Only info I have is from another drives pay summary for a days work. 
He got $4.25 per delivery and 50¢ per mile traveled. 
He did 9 deliveries and netted $77, this includes tips. He's a Los Angeles CA driver. 

Kinda meh in my opinion. I'm finding a $10-11 per delivery average is the best one should strive for. And go with the companies that'll best help you get there. Seems like Grubhub and Sidecar Delivery are probably at the bottom of choices.


----------



## ClaudiaDedalus

I was hired in August for GrubHub in Columbus. I can't stand the company. The tech problems alone make it difficult to make the floor minimum ($10/h), ever changing policies also make it difficult to make minimum. Bad communications with restaurants. Now saturated with drivers its almost impossible to even get scheduled for shifts, then when I am scheduled for a shift it seems like shifts are under staffed as new drivers often no call no show. The driver support team is understaffed so if there is a problem with an order, I have often waited 10 to 15 mins on hold. Hold times decrease my pay as I am unable to pick up additional orders and can make me ineligible for floor guarantee. Dispatching system is terrible. I am routinely dispatched across town. There is no compensation from dispatch point to restaurant. For me this is a good 20-25 miles a day that doesn't even count. I have received many parking tickets so I now take the time to find legal parking spaces, often paying to park. I spend average of $60 per week to work for GH. Money was better in the beginning but now hard to break 30 hours at $300, that's less than $250 with expenses. What really bothers me is the lack of driver support. Driver support line provides prescripted answers. The emails go unanswered. There is never resolution to lost pay or any problems. Restaurant owners are upset. Some deliveries are dispatched over an hour late... I never have these problems with PostMates or OrderUp or wedeliver 2you


----------



## Baron VonStudley

saturation with drivers is an understatement. I have not been able to work at all for weeks with grubhub. my flexibility requirement is basically to be able to pick up shifts on the fly or at least 1 day or under and that worked great for weeks i made good floor earnings while double dipping or strategically working different hours different services. I may have to add days to the physical store delivery i do to make money but they have a hard schedule and with my f/t job i need big flexibility


----------



## Showa50

I've heard a few complaints from restaurants about Grubhub. And on more than one occasion I'll be at a restaurant picking up for a different service and the workforce would be complaining about how no one from Grubhub has pickup food yet. 
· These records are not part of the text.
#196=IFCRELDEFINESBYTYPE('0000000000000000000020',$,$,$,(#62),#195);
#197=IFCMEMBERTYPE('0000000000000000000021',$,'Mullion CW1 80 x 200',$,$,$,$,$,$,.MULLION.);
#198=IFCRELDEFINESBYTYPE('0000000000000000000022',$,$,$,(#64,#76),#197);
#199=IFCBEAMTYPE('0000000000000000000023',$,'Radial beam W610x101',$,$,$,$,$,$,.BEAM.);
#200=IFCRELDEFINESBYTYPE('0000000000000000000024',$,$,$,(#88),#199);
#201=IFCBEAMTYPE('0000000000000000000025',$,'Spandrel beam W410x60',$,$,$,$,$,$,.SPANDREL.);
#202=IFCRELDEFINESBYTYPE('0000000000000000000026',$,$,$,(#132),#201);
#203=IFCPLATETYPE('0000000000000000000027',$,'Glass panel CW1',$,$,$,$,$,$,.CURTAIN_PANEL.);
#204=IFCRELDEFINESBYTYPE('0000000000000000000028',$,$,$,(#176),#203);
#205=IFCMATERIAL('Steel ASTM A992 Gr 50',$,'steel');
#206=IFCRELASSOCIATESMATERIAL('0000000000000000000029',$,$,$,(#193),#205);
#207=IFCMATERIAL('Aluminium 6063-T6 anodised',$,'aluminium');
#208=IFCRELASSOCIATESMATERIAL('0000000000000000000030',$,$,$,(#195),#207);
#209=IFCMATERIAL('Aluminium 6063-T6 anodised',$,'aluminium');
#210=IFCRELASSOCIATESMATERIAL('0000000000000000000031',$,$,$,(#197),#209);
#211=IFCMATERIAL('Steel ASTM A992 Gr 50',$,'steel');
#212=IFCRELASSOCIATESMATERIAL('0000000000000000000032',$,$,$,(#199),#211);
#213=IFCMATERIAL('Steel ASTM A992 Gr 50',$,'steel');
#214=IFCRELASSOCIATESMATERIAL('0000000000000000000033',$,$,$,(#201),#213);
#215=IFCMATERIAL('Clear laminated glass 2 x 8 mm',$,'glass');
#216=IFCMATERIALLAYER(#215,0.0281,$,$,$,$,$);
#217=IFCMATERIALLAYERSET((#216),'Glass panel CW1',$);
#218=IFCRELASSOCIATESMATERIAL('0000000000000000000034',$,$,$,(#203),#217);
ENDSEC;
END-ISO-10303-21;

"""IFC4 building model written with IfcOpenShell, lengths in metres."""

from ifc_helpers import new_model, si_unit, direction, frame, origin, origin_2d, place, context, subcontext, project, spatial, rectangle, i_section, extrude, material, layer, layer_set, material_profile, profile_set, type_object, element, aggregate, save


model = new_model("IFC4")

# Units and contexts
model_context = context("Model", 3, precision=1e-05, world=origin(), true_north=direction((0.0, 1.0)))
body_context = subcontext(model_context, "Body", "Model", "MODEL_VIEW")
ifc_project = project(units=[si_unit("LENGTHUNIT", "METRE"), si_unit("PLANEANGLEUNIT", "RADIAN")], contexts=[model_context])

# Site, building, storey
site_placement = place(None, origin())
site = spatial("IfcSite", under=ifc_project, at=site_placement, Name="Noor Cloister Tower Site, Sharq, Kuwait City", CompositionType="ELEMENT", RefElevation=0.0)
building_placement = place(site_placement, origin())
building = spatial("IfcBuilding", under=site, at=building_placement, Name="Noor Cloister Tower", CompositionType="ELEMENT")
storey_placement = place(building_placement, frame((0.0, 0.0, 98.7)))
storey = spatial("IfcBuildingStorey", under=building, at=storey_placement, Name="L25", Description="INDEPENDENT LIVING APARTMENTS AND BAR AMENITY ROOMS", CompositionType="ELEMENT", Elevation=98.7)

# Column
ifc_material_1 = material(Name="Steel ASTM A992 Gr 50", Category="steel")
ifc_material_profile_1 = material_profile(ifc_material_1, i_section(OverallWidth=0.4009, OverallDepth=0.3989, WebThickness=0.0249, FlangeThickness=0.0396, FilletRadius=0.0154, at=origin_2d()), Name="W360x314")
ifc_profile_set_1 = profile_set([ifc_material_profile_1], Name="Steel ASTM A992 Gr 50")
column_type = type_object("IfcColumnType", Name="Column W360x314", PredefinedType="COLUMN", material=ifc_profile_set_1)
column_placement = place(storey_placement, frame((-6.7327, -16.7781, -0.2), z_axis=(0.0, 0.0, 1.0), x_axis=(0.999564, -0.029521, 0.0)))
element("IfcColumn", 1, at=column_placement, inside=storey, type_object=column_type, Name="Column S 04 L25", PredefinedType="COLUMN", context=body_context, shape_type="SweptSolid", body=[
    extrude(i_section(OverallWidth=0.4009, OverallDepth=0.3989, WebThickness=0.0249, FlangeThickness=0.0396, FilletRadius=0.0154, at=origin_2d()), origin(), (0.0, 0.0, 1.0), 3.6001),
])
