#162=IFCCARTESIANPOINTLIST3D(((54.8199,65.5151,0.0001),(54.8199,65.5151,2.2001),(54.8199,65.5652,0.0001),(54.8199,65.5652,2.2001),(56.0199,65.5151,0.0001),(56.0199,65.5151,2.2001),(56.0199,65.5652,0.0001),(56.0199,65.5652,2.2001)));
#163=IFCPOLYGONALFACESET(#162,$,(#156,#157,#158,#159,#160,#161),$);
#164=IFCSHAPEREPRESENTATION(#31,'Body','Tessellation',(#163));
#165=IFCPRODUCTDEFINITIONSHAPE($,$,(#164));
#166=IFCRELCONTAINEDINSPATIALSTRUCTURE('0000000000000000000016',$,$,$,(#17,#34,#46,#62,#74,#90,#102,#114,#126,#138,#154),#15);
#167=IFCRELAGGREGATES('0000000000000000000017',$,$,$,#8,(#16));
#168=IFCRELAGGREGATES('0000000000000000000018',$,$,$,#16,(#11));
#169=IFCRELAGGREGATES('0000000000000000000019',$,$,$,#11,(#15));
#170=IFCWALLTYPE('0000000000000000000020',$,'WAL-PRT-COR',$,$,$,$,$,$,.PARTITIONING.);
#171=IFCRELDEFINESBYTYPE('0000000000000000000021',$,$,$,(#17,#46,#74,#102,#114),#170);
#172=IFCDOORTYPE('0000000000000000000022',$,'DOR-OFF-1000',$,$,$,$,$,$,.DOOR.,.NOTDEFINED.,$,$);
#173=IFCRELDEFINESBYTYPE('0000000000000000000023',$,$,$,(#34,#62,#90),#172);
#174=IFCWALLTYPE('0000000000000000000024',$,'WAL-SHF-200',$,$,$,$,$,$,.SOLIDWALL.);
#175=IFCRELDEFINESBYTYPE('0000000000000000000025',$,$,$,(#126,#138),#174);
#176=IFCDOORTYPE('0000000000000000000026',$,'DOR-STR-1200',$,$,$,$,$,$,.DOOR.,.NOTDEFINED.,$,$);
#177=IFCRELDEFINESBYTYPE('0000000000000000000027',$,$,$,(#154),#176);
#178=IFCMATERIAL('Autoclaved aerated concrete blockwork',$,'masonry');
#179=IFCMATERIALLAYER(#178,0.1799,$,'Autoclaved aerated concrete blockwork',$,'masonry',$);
Apparently Grubhub contracts with a delivery provider that are real flakes.


----------



## rustyweeds

The money is free. 

So far Ive had 0 deliveries and made $70


----------



## PWRUber

Started last week, avg. $10/hr. Columbus OH (Campus/Grandview/Short North).

There's definitely some money to be made, as there are constantly deliveries available during the shifts I've worked. The biggest drawback I've found is that with Columbus being a college town, many of the restaurants and residences allow for street parking only. Given the flexibility GrubHub offers, I'm sure I'll do it occasionally in conjunction w/ Uber, but I don't expect anything more out of this venture than what it is.


----------



## jaxbeachrides

No good. And I can tell you why. I did it briefly after my last real job.

Grubhub doesn't employ its drivers directly, its just a commission based service that takes and allocates orders. Then it goes through another servicer that pays you 3-9$ per delivery plus tips.

The tips are great. The per delivery rate is usually good too. The problem is that most of the restaurant workers hate these services. You take away their tips by being the one being tipped, unless you get a large order over 100 and get a 20, than you really can't afford to tip out the togo server at the restaurant. So they typically get nothing and expect to get nothing, so you sit around at each restaurant waiting for 30-60 minutes for them to prepare your order, dead last and unpaid for your wait time.

You can make close to $20 an hour, however meal rushes are short. You've got only a couple hours of busy time for lunch, and 3-4 hours of busy time for dinner. After gas it equates to about $40 a shift.

Better off delivering pizza for domino's. You at least get minimum wage delivering pizza, plus delivery fees plus tips.


----------



## HansGr.Uber

Thanks Jax, very good info. I had been considering this but I don't know if the wait time is worth it.


----------



## CDuber

I don't see why people are complaining unless your market just sucks. Probably the easiest independent contractor job out there. In vegas I've been making $50-$65 in a 3 hour block consistently.


----------



## Larima

I recently transfered to the Los Angeles market. It hasn't been too bad. I did $85 on Wednesday for 4 hours of work.


----------



## Hope_Solo

Do we really need those insulated delivery bags to keep the food warm??


----------



## PointA2B

Larima said:


> I recently transfered to the Los Angeles market. It hasn't been too bad. I did $85 on Wednesday for 4 hours of work.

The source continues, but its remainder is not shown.